St. Mark's Episcopal Church

124 North Sylvia Street - Montesano, WA, 98563

Easter 6, May 22

 

 

Easter 6C  (2022)

Today’s Gospel tells a cool story.  Back in Jesus’s time, if you walked past a pool called Bethesda, [not to be confused with Bethsaida, which is a fishing town where Phillip and Andrew and Simon were born] -- so if you walked past the pool called Bethesda near Sheepgate in Jerusalem, you saw a common sight.  The edges of the pool would resemble a doctor’s waiting room – with all manner of people -- sick, crippled, maimed – even paralyzed. 

This particular pool wasn’t like a 24-hour walk-in clinic.  It was “open,” if you will, only when the waters were stirred up.  It was said that the waters were stirred up by an angel, and that was the time they all were waiting for.  The King James translation says that when an angel stirred the waters of the pool, the first person to enter the water would be healed.  Bearing out the King James translation, there is a fresco at what archeologists think is the site, and it depicts water and an angel.

I don’t know of any reports of someone actually seeing an angel with a paddle running around stirring up the pool – but geologists easily explain what happens.  The pool by Sheepgate is fed by a spring.  Springs, by their very nature, bubble up.  And bubbles stir up the water.

So.  When the spring bubbled up and the waters were stirred, everyone who had been waiting tried to rush down –but only the first one in was cured.  First in, first (and only) healed.

The guy in today’s gospel story has been waiting 38 years to be first.  Which tells us that maybe he’s a paralytic.  Which means that he needs someone to take him down into the pool.

I’ve looked at pictures of the pools.  They’re not like round plastic kiddy pools with gently sloping sides down which you could slide.  They’re square or cruciform, and you get into them by way of big steps.  Big, deep, stone steps.  Not easy for a man who is terribly ill, crippled or paralyzed to negotiate.

So.  Among those gathered, waiting at the pool, hoping for healing, is this man who has been ill for 38 years.  Since life expectancy then was about 40 years, this man is obviously running out of time.  In our story today Jesus approaches him and asks him “Do you want to be made well?”

(I’d probably have said “Well duh, Jesus,” but that’s highly disrespectful, and my mother would not have approved at all.)  This man is terribly disabled.  He’s debilitatingly weak.  He’s at a pool famous for its healing qualities.  What else would he want, Jesus?

On the other hand, we don’t expect Jesus to ask stupid questions.  So let’s take a look at what he is asking.  Maybe it’s, “Do you really want to be made well?

We know people, don’t we, who seem to thrive on their aches and pains, on their illnesses, on whatever conditions, real or imagined, that beset them?   They get lots of drama and mileage out of sympathy. And they always have an excuse for not doing whatever they might not want to do.  So maybe he’s Mr. Drama.

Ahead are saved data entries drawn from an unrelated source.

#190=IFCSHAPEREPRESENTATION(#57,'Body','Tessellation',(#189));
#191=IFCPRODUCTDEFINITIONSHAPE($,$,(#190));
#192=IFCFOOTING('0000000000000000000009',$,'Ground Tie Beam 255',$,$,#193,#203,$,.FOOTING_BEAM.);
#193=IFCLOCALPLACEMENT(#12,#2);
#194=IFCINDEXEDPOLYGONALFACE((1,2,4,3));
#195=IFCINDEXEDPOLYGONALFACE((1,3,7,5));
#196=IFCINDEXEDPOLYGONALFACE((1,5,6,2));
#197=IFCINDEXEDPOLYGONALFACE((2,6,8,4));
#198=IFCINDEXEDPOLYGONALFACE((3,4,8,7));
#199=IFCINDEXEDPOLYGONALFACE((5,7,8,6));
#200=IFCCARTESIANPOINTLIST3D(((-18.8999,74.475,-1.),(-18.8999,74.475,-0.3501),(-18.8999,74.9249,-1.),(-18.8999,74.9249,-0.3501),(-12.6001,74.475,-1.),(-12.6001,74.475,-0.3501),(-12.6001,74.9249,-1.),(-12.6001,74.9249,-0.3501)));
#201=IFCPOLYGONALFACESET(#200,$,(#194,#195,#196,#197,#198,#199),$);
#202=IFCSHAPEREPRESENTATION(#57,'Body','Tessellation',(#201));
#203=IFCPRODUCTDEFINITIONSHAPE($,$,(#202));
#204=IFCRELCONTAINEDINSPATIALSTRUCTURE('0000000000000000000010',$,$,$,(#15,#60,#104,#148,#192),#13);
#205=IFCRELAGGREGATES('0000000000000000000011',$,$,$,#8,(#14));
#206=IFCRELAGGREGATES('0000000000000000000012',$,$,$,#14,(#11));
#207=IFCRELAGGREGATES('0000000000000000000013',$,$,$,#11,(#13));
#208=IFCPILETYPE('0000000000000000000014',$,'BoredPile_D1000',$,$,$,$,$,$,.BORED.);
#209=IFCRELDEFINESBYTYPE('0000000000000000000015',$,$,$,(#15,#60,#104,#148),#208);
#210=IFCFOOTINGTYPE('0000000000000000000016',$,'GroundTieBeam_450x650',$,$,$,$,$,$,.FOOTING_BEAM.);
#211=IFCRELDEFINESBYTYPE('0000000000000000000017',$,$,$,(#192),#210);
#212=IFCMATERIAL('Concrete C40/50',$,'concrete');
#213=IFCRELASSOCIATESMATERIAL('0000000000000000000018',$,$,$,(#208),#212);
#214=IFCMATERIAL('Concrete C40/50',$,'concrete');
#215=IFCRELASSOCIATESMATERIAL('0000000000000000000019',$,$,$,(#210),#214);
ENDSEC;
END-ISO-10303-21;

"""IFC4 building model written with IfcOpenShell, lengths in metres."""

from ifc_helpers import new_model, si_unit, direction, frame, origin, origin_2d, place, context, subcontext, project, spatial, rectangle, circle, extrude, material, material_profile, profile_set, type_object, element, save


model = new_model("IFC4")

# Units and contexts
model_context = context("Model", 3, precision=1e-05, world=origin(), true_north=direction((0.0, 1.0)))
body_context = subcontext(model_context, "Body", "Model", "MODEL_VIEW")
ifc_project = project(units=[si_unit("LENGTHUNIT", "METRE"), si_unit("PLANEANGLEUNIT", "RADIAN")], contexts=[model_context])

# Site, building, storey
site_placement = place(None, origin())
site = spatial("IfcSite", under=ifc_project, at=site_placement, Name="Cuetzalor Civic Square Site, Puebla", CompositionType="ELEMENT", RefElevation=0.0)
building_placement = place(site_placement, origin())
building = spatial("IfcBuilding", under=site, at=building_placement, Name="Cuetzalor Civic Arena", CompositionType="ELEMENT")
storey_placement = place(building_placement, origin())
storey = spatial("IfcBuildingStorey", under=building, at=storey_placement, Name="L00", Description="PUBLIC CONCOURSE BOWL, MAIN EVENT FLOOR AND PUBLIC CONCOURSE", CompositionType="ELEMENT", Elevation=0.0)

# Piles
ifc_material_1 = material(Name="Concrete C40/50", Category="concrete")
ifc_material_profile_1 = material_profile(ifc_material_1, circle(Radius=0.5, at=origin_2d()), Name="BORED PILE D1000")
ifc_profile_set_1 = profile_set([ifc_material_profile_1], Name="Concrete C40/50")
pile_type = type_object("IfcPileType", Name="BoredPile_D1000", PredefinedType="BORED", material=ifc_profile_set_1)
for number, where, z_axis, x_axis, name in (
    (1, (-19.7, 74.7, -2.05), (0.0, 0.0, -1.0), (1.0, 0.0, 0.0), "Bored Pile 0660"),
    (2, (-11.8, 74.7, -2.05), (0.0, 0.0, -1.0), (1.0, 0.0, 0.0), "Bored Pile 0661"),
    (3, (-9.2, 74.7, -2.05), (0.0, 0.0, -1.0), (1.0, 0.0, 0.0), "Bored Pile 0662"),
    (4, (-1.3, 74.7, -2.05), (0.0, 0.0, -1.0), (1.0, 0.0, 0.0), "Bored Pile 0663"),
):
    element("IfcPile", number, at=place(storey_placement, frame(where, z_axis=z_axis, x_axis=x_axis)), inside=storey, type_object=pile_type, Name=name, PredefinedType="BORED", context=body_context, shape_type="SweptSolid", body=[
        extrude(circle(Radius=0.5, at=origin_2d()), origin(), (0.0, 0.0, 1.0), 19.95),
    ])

We do know that our wellness, to a certain degree, is up to us.  My oncologist, for instance, tells me that a positive attitude and my faith in God were very instrumental in my surviving three bouts of cancer.

But maybe this guy doesn’t have a positive attitude.  In fact, his life’s profession has been to be ill.  Maybe he doesn’t want to be cured because he doesn’t know any way of being other than being disabled.

Or.  Maybe the man replies, calmly, matter-of-factly, “Certainly I want to be made well.  But I have no one to put me in the pool when the water’s stirred up, and while I’m struggling to make my way down to the water, someone else always steps in ahead of me.”  That’s pretty matter-of-fact.

Or what about this?  [to be read in a sad, whiny voice] “Of course I want to be made well.  But nobody will put me in the pool when the water’s stirred up, and if I try to get down to the pool – slowly and painfully – somebody else always gets ahead of me.”

John’s gospel doesn’t indicate tone of voice in this story, so we’re left to speculate.  Maybe this man is whining and complaining, using “poor me, I’m a victim” to define his life.  We don’t know.  And we don’t know why he doesn’t simply say, in answer to Jesus’s question, “Yes, I do want to be well.”

Does he exacerbate his own infirmity, whatever it is?  Is he like my mother-in-law who would go outside in her wheelchair, turn off her oxygen tank, (she had emphysema) so that she could smoke? My dad, who died with cancer in his throat and tongue, continued to smoke after his diagnosis and surgery, although he thought we didn’t know it. 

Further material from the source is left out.